John Spradley wrote:
> I have often wondered why wagon wheels on the silver screen
> often went backwards! Can't always believe my eyes. Can you?
It is caused by the stroboscope effect, since the movie is projected
at 24 frames per second. For each frame, the wheel rotates a bit, but
at certain speeds it will look like they turn backwards when the wheel
rotates nearly the distance between two spokes for each frame.
Let's say the wheel has 12 spokes, that would give us the angle
(360/12)=30! between two of them.
Now, if the wheel rotates two rounds per second, e.g. 720 degrees, we
should divide that with 24, since there's 24 film frames per second.
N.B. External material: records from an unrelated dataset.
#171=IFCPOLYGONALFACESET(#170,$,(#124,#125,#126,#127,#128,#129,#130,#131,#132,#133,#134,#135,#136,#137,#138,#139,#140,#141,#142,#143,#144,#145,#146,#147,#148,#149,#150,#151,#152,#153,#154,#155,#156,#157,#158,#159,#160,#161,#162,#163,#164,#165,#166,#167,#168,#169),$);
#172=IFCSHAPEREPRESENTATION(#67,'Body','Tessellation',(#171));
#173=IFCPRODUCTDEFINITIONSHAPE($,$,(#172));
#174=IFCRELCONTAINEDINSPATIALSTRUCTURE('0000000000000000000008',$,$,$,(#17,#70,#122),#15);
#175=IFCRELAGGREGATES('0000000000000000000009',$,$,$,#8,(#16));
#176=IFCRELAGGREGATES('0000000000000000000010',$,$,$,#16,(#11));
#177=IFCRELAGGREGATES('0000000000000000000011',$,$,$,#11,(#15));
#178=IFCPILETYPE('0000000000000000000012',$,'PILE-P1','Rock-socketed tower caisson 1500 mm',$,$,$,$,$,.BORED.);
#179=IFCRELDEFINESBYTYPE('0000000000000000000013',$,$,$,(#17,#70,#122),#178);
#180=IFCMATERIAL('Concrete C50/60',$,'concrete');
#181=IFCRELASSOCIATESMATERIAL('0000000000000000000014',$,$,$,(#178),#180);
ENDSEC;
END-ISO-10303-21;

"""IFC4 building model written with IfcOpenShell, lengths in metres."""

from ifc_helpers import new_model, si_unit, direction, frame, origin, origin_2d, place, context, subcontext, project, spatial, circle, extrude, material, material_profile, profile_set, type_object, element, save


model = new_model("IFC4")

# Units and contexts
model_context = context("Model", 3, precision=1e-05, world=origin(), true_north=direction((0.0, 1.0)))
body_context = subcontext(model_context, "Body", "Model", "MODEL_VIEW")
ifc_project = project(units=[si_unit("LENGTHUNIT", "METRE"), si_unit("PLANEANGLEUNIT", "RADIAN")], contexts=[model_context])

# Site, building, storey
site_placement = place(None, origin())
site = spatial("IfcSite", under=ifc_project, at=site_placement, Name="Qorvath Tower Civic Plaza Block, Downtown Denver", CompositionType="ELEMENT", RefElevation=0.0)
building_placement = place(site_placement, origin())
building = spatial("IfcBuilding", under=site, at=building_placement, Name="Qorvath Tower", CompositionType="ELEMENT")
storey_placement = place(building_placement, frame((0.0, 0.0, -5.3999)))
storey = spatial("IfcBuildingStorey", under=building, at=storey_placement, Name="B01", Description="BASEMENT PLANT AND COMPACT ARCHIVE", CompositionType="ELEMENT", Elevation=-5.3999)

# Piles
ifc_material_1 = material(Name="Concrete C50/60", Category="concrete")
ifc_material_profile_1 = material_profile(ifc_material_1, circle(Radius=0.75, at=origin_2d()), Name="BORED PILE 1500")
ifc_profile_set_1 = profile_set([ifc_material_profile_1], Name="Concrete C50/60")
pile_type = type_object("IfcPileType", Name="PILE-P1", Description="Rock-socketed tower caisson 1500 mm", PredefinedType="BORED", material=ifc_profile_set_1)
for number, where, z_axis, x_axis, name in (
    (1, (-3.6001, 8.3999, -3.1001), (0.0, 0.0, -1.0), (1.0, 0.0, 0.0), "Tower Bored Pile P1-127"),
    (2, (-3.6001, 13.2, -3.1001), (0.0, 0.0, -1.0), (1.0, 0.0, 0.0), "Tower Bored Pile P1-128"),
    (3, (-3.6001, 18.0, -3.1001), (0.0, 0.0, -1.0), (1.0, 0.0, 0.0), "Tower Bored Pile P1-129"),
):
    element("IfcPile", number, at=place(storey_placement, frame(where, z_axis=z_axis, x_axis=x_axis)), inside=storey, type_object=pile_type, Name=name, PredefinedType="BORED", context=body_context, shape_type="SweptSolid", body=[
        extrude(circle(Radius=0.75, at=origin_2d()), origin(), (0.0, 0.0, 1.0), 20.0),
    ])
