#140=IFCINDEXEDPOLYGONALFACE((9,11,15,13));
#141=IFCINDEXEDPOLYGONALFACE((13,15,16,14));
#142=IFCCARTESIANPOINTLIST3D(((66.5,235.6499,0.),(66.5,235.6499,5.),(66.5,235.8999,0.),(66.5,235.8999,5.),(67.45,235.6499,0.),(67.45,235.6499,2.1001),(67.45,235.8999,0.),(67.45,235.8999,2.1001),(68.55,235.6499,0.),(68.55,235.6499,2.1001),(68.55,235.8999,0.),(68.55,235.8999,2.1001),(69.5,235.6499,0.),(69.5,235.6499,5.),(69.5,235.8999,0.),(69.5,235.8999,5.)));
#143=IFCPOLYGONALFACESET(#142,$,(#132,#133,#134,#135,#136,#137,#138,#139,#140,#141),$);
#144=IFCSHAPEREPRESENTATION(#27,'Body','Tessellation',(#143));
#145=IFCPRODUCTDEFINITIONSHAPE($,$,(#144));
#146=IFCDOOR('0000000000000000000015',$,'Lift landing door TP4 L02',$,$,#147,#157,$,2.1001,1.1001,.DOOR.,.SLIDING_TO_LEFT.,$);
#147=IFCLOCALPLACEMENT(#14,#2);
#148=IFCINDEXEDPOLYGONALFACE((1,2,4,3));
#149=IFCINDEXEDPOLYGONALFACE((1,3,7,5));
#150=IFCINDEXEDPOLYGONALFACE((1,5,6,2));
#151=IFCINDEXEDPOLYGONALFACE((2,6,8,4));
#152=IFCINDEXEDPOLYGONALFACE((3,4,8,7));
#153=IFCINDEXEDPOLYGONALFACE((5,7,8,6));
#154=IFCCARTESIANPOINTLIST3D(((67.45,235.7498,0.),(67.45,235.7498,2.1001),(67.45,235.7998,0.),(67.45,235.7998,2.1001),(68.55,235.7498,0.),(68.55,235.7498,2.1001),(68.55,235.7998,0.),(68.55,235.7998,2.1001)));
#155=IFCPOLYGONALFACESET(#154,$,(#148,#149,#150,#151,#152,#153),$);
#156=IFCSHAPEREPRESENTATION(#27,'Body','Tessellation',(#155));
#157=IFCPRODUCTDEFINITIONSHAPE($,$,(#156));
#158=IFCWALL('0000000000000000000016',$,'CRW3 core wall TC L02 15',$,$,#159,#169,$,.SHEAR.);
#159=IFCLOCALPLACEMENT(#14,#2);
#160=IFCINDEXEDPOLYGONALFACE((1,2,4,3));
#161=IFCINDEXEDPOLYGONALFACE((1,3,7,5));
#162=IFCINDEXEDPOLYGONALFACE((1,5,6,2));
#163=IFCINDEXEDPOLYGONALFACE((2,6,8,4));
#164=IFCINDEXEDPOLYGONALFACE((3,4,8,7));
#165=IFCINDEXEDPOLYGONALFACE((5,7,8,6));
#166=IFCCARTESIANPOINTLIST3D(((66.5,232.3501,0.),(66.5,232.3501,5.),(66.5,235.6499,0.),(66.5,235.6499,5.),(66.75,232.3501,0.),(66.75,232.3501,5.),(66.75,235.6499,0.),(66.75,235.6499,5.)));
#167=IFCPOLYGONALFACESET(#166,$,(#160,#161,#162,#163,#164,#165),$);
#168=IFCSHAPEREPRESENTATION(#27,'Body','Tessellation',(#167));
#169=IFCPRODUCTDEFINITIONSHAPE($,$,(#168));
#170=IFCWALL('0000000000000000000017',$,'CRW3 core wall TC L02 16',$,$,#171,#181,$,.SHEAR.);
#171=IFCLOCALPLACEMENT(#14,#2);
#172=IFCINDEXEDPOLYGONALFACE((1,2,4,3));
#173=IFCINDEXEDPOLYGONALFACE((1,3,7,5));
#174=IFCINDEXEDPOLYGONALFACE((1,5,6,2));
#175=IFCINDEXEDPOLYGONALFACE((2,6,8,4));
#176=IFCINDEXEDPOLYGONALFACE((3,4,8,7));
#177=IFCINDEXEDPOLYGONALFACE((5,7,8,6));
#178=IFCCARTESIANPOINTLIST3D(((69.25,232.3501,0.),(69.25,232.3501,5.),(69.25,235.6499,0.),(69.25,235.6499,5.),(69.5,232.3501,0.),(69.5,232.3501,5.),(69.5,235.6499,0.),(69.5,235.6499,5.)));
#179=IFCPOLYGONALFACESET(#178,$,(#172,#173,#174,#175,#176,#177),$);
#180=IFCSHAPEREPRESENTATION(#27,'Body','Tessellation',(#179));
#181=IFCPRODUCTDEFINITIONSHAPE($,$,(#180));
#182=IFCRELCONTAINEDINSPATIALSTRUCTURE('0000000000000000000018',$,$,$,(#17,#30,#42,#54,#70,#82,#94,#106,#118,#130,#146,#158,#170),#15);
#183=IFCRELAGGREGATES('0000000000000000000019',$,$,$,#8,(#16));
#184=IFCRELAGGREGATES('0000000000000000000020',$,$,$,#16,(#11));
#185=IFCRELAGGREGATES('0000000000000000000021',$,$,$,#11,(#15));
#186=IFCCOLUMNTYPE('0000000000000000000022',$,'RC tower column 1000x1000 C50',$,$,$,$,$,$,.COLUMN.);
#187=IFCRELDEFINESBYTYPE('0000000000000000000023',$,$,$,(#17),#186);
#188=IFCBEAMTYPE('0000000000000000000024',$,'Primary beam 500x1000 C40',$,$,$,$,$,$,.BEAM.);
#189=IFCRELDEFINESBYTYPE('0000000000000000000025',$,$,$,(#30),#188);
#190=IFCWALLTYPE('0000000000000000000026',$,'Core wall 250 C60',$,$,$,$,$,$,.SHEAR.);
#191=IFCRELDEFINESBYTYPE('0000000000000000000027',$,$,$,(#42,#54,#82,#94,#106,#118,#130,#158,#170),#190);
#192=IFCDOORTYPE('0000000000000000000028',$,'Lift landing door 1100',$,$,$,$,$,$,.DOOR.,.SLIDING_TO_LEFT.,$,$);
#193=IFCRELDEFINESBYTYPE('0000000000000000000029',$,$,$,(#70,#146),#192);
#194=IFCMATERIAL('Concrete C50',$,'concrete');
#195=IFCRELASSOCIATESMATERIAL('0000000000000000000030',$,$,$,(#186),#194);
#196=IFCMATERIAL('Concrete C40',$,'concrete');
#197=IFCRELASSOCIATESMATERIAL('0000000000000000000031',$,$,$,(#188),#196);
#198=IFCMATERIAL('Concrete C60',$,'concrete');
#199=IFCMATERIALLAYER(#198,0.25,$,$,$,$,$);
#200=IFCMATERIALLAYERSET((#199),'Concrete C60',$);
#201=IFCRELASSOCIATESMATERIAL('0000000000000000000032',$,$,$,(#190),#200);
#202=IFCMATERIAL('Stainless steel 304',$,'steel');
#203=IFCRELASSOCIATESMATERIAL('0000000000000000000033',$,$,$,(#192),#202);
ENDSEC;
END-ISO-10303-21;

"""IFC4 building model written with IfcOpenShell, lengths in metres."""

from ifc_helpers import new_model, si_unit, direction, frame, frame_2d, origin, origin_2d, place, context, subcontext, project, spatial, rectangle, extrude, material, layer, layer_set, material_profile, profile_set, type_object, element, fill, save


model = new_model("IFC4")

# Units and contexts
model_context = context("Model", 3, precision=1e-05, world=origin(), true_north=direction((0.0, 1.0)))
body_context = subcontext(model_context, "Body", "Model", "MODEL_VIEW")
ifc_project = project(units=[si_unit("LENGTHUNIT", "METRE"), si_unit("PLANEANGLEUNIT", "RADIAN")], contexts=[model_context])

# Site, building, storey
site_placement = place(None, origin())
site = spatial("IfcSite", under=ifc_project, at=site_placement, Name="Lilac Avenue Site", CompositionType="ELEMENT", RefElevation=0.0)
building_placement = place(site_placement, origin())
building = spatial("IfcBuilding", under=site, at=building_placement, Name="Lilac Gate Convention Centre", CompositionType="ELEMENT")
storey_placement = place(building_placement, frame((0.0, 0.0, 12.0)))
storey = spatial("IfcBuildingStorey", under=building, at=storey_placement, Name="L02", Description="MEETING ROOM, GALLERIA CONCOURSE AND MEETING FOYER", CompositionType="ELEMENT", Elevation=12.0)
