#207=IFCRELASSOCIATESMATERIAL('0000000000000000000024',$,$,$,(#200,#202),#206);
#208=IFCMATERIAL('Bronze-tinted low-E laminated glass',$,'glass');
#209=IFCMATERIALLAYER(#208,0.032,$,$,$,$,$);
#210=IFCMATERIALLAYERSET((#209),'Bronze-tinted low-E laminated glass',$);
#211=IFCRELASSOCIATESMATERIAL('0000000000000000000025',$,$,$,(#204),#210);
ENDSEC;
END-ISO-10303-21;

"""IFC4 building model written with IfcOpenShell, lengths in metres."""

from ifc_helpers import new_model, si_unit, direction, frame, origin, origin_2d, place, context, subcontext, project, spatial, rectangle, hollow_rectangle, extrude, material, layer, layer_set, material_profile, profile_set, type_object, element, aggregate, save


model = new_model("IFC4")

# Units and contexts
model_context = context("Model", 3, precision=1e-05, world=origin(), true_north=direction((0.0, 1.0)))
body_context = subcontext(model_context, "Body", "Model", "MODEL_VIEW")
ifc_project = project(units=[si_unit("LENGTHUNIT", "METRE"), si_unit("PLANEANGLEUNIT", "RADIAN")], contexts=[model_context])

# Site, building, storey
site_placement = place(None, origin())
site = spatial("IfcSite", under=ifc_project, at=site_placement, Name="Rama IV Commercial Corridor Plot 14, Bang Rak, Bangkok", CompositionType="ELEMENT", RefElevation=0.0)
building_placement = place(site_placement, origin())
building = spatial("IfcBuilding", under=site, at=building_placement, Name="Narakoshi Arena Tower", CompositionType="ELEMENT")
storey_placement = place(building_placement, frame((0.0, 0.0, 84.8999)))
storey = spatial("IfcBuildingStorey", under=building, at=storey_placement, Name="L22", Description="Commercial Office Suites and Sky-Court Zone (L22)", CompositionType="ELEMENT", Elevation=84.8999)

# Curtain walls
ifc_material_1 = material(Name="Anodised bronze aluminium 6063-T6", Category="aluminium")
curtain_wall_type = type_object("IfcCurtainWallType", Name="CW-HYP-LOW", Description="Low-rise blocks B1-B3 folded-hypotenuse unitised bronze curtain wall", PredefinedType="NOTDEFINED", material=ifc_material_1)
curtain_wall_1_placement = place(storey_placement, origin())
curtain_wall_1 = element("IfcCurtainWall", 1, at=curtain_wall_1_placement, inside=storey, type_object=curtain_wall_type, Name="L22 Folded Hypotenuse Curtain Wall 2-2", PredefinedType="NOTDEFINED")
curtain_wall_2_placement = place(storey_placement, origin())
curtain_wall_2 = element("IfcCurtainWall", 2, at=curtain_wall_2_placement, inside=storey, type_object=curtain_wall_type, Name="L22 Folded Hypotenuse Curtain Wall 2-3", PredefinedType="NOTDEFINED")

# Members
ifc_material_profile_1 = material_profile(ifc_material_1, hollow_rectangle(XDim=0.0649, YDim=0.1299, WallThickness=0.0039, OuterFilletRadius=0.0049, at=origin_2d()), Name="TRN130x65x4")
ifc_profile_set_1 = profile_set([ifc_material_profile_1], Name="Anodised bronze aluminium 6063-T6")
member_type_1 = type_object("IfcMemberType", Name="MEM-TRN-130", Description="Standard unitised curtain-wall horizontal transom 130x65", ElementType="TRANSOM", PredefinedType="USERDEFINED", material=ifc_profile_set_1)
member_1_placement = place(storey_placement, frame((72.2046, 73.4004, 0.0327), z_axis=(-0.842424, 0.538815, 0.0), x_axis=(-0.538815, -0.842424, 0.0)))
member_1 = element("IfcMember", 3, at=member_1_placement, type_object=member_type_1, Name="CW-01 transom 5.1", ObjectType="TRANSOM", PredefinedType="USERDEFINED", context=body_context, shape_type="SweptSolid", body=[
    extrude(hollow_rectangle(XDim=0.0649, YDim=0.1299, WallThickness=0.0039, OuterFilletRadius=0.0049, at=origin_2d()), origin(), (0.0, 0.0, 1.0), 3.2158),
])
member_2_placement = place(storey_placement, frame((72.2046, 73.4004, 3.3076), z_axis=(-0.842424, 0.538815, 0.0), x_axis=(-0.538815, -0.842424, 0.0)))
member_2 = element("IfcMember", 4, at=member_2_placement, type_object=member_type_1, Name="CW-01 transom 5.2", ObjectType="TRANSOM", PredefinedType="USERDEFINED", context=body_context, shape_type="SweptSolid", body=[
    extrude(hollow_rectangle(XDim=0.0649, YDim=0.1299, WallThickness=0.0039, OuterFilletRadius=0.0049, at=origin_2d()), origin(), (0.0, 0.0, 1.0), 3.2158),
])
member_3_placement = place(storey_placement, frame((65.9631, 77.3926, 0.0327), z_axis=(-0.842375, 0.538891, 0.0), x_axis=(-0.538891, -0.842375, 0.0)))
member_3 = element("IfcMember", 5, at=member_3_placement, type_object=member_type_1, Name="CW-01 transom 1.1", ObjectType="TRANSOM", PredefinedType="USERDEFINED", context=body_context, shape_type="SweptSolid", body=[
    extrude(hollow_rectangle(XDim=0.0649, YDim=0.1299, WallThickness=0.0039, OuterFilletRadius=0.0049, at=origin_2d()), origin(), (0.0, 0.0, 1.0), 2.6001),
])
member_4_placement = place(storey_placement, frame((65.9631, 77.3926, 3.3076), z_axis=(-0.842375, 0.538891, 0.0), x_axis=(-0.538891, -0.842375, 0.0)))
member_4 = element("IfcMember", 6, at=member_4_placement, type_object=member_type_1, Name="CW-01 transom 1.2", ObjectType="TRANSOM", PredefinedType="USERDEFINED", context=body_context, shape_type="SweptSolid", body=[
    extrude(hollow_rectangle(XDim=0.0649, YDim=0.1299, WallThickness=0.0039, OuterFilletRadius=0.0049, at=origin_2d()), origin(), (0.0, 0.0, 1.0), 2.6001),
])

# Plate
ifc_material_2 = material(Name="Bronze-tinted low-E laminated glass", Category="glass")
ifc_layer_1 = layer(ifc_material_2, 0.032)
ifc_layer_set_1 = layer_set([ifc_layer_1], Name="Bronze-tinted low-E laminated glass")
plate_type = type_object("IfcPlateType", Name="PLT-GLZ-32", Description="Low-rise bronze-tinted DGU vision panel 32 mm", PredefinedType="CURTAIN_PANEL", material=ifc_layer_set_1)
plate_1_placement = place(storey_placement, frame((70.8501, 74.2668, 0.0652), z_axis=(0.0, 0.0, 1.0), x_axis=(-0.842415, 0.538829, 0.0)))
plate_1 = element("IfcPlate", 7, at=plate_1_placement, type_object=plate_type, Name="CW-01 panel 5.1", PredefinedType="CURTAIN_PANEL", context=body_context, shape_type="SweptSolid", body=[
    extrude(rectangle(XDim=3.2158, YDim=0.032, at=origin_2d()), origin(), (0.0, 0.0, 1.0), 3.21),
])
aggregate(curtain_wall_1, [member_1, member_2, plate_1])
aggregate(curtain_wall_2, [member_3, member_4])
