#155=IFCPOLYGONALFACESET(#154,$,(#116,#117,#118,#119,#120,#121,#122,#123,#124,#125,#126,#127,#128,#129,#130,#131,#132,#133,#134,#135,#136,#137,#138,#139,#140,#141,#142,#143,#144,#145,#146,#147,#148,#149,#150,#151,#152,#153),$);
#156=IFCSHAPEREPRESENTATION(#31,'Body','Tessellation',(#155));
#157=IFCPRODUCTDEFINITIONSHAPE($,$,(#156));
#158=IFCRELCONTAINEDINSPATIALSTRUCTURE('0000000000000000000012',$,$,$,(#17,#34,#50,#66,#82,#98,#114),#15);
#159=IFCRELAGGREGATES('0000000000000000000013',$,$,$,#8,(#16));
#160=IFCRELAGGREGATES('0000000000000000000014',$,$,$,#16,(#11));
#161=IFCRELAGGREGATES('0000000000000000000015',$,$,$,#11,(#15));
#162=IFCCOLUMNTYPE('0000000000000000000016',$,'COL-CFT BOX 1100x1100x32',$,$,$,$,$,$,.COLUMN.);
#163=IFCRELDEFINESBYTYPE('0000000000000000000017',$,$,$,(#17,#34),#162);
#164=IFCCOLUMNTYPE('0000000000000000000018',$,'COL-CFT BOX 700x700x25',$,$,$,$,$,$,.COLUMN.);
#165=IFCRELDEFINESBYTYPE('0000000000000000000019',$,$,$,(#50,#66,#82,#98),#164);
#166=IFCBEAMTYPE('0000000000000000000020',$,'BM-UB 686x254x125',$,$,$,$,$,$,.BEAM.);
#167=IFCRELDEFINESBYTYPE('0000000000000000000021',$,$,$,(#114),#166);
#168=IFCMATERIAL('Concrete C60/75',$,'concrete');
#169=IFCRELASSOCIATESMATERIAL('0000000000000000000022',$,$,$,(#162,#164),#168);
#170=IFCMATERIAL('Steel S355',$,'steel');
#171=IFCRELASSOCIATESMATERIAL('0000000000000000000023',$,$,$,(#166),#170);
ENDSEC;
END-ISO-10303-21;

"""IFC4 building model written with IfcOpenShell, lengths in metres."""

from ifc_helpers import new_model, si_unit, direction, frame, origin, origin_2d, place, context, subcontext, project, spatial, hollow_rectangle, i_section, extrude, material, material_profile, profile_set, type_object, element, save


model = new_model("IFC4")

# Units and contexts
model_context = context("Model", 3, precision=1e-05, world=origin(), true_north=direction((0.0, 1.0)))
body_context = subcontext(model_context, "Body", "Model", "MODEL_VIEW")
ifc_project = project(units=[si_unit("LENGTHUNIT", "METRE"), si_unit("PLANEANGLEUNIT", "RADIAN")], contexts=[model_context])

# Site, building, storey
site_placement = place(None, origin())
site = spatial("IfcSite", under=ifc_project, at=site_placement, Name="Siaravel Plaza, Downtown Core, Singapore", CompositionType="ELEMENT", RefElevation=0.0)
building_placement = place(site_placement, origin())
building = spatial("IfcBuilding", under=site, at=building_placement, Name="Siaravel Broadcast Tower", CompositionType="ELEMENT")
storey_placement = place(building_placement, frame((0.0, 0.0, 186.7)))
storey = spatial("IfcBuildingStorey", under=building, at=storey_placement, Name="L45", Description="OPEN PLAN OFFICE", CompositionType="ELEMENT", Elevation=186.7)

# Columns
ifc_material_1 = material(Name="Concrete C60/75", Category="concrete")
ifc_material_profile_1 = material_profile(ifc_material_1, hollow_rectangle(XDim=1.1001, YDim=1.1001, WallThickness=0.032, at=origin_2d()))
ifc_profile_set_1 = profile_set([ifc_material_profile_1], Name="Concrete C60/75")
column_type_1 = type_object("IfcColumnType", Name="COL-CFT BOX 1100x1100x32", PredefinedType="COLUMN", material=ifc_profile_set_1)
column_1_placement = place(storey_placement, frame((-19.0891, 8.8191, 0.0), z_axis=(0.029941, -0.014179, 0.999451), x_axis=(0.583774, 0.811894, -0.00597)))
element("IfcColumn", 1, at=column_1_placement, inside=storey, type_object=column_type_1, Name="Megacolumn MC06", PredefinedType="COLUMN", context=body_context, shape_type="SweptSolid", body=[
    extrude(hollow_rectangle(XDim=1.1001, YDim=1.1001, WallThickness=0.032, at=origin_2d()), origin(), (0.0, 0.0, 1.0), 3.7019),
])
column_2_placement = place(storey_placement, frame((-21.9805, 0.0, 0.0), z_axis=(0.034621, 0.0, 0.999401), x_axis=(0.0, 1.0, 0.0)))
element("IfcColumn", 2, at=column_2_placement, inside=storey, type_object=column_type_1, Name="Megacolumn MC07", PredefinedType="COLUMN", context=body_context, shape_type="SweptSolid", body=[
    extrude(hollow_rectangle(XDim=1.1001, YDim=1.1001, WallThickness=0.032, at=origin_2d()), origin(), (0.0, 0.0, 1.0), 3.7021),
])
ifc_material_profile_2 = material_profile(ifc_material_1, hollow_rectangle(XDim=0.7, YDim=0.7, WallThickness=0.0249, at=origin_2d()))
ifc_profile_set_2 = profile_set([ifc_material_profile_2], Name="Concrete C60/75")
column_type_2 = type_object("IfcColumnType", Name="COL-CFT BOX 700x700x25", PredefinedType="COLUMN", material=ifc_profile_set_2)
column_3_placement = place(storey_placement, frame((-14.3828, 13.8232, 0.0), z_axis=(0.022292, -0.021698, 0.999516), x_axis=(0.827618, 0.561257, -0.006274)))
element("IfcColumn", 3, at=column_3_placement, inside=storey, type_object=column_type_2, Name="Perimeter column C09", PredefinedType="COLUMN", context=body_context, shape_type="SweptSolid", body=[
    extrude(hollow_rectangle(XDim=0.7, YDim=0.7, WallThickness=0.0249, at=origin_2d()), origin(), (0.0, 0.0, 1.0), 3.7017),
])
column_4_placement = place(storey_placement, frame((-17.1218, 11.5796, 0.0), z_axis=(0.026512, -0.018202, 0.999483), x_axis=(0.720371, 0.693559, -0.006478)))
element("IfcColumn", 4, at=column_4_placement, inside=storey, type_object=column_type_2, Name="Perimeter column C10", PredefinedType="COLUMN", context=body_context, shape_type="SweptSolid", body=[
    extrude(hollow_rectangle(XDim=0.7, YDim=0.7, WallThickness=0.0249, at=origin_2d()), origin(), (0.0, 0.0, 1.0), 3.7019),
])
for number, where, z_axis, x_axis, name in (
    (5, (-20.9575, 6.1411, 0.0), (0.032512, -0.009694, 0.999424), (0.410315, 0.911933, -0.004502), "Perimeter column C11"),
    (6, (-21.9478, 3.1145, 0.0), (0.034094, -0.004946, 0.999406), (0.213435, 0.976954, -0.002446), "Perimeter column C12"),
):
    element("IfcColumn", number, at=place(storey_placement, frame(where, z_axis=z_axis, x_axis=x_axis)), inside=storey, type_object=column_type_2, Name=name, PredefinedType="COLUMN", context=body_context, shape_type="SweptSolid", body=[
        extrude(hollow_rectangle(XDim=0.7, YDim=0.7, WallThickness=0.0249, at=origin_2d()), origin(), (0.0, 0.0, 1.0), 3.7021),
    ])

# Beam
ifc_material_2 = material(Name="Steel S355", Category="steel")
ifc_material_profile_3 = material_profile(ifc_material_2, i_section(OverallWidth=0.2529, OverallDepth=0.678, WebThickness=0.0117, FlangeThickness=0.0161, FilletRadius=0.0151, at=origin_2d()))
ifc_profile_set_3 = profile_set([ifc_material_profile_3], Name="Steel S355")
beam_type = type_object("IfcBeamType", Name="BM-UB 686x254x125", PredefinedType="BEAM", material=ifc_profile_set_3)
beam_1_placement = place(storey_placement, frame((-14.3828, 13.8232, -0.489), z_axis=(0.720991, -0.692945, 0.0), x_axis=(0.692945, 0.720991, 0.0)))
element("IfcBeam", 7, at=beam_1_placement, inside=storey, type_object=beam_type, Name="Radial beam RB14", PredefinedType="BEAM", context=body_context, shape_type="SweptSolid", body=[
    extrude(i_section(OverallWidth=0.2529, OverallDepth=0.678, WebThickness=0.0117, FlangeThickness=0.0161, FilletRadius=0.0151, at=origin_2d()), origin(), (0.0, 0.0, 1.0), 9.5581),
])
That gives us 30!, which is the number of degrees that the wheel
rotates for each frame.
This will make us believe that the wheel isn't rotating at all since
next spoke is at the same place as the previous one, for each new frame
of film projected. Now, if the wheel rotates a tad slower, it will
look like the wheel rotates backward slowly since "next" spoke seem to
be a little behind the previous one, and vice versa when the wheel
rotates a bit faster than two rounds pr second.
The example I made after visiting http://www.emainc.com/radnor/wagon.htm
It seems that 12 spokes in a wagon's wheel is a "standard"..? :-)
The same strobe effect you can use to measure exactly if your
gramophone turntable revolves at the right speed. I have once seen a
small round paper disc the same size as a LP label, with radial
patterns for 16, 33-1/3, 45 and 78 rpm. It simply uses the fact that
the light from a bulb varies with the AC-periods.
Stroboscope discs from USA cannot be used in Europe and vice versa
since the mains frequencies aren't the same (60 Hz vs. 50 Hz). When the
turntable rotates at the right speed the corresponding pattern to the
speed set on the turntable should appear to stand still. Some modern
turntables also have built in "strobe lines" and a fine adjustment knob.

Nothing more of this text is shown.